KilledWorker exception with dask dataframes #5611

@nefta-kanilmaz-by

Description

@nefta-kanilmaz-by

What happened:

KilledWorker exception for a rather small computation using dask dataframes.

We schedule a dask computation based on simulated data as part of our integration tests. In our test code, we create 1k partitions filled with random data which have a fixed size of 7k rows and 50 columns (see example below).
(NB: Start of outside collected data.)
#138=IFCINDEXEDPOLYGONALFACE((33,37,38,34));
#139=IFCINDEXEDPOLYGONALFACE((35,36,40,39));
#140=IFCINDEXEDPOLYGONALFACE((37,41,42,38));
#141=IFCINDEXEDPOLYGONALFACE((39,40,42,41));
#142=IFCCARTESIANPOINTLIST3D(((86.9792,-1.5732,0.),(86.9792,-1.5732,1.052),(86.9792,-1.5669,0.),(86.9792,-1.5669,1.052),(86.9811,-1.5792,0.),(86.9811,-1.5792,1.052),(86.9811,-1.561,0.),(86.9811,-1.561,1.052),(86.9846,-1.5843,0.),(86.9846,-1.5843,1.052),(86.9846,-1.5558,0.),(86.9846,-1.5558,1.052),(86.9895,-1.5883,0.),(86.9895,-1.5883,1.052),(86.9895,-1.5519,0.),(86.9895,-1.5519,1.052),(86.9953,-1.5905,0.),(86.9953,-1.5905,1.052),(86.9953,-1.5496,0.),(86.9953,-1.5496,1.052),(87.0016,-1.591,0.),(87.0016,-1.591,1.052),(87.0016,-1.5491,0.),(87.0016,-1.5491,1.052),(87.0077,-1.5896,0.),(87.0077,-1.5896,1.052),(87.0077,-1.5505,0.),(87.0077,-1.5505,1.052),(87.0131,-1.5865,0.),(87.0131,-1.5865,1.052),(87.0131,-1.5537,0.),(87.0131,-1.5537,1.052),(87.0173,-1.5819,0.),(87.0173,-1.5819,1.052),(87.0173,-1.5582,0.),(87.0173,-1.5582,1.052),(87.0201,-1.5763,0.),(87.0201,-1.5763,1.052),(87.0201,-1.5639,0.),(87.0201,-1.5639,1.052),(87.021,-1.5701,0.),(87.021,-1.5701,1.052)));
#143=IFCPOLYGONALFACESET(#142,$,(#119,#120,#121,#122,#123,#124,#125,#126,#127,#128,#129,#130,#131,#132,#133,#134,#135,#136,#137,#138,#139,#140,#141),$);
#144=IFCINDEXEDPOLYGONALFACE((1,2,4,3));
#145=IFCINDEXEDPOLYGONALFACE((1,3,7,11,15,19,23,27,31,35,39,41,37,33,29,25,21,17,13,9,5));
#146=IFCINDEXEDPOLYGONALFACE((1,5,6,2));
The worker seems to go out of memory, the task is unsuccessfully retried on a different worker a couple of times until a KilledWorker exception is raised.
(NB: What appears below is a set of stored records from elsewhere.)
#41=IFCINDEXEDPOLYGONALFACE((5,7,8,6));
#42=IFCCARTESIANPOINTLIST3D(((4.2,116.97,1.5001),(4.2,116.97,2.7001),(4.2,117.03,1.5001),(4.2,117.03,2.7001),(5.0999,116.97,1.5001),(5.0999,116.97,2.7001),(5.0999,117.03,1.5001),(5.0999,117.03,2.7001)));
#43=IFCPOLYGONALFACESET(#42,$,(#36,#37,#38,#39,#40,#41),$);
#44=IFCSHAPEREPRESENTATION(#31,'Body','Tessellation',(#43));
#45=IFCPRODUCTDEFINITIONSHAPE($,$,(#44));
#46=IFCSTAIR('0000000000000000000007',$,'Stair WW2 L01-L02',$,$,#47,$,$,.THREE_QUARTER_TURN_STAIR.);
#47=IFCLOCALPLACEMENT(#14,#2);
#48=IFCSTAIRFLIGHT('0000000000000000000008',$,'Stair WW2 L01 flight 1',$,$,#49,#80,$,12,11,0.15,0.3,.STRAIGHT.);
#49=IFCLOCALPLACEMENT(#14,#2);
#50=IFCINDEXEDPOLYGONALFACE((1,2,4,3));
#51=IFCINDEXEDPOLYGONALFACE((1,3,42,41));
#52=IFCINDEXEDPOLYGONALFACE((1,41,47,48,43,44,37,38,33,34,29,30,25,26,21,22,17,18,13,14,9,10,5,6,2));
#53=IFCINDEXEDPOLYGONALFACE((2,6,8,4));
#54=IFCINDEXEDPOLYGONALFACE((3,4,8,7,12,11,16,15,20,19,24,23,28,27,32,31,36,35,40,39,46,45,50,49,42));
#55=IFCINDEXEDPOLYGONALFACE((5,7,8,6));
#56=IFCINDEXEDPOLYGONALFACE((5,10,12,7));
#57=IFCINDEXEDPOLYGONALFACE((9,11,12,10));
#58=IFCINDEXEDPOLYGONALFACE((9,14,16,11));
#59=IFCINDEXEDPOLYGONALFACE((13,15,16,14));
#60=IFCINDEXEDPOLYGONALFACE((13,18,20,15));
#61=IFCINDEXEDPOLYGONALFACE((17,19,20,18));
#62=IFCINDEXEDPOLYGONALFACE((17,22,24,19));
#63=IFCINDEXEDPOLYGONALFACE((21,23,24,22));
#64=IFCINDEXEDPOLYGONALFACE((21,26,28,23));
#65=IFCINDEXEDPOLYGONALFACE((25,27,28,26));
What you expected to happen:

The computation succeeds, especially because the partition size seems to be small enough and the workers have enough memory (more information to that below).
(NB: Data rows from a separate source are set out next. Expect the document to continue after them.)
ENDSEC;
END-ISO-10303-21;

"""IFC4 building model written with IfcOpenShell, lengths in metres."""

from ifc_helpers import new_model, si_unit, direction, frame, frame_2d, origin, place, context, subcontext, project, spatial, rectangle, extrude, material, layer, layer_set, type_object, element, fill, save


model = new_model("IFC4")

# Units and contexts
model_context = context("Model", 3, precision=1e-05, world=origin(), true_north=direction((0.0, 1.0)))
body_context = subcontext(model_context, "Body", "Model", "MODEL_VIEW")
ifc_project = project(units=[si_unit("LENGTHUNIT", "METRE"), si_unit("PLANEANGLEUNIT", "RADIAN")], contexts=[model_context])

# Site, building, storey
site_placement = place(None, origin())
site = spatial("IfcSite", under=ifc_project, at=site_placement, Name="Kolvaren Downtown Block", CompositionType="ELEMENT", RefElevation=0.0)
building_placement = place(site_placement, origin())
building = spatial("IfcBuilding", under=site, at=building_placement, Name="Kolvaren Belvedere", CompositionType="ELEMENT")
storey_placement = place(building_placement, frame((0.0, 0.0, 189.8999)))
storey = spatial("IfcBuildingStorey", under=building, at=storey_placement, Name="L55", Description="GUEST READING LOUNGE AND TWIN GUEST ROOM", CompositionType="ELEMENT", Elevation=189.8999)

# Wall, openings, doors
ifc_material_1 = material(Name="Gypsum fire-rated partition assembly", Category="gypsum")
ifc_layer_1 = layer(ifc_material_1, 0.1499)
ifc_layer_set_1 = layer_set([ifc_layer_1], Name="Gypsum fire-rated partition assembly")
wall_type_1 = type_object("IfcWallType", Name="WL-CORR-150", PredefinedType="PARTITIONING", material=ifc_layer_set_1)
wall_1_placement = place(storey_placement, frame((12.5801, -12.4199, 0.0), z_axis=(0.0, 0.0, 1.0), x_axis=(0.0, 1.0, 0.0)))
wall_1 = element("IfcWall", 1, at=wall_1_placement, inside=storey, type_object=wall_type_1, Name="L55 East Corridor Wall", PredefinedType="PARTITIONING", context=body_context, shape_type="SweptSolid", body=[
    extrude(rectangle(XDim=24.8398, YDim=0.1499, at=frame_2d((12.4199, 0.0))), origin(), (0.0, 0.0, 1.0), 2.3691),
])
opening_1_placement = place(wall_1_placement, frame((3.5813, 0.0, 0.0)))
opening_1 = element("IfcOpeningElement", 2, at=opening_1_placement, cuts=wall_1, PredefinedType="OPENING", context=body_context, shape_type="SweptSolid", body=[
Minimal Complete Verifiable Example:

import pandas as pd
import numpy as np
import dask.bag as db
import dask.dataframe as dd
from dask.delayed import delayed
from dask.distributed import Client

group_by_columns_count = 20
value_columns_count = 30
partition_count = 1000
rows_per_partition = 70000

group_by_columns = [f"G{i}" for i in range(group_by_columns_count)]
value_columns = [f"V{i}" for i in range(value_columns_count)]

def create_partition(partition_id: int) -> pd.DataFrame:
    np.random.seed(partition_id)
    return pd.DataFrame(
        {
            "PARTITION_ID": partition_id,
            **{
                group_col: np.random.randint(0, 10, size=rows_per_partition)
                for group_col in group_by_columns
            },
            **{
                value_col: np.random.random(rows_per_partition)
                for value_col in value_columns
            },
        }
    )

dask_endpoint = "my-dask-endpoint"

# This computation consumes a lot of memory during dataframe-groupby-* steps
with Client(dask_endpoint, timeout=30) as c:
    dfs = [delayed(create_partition)(partition_id) for partition_id in range(partition_count)]
    ddf = dd.from_delayed(dfs)
    ddf = ddf.groupby(by=group_by_columns)
    ddf = ddf.mean()
    ddf.compute()

# Equivalent computation using bags runs fine
with Client(dask_endpoint, timeout=30) as c:
    bag = db.from_sequence(range(partition_count), partition_size=1).map(create_partition)
    bag = bag.groupby(grouper=lambda df: df.groupby(group_by_columns))
    bag = bag.map(func=lambda groupby_result: groupby_result[0].mean())
    bag.compute()

Anything else we need to know?:

  • Scheduling the computation based on dataframes leads to worker OOM and ultimately fails with the KilledWorker exception
  • The size of a single partition/dataframe is about 30 MB:
df = create_partition(42)
print(f"{df.memory_usage().sum()/ 1024**2} MB")
# 27.237060546875 MB
  • We assume that the upper limit of the resulting dask dataframe could be very roughly estimated to max 30 GB
df = create_partition(42)
print(f"{df.memory_usage().sum() * partition_count / 1024**3} GB")
# 26.598691940307617 GB
  • Worker size is 32 GB, this should be sufficient memory for the given partition size as well as the resulting ddf (?)
  • The euqivalent computation using dask bags is working fine and also needs way less memory
  • We also very frequently see messages like this:
    distributed.utils_comm - INFO - Retrying get_data_from_worker after exception in attempt 3/5: Timed out during handshake while connecting to tcp://172.20.10.118:9000 after 60 s

Things we have tried to debug/mitigate the issue:

  • enabling/disabling spill to disk
  • using jemallac
  • actibating the garbage collection and disabling the throttling
  • removing our service mesh (istio)
  • different (azure) kubernetes versions (1.19 and 1.20)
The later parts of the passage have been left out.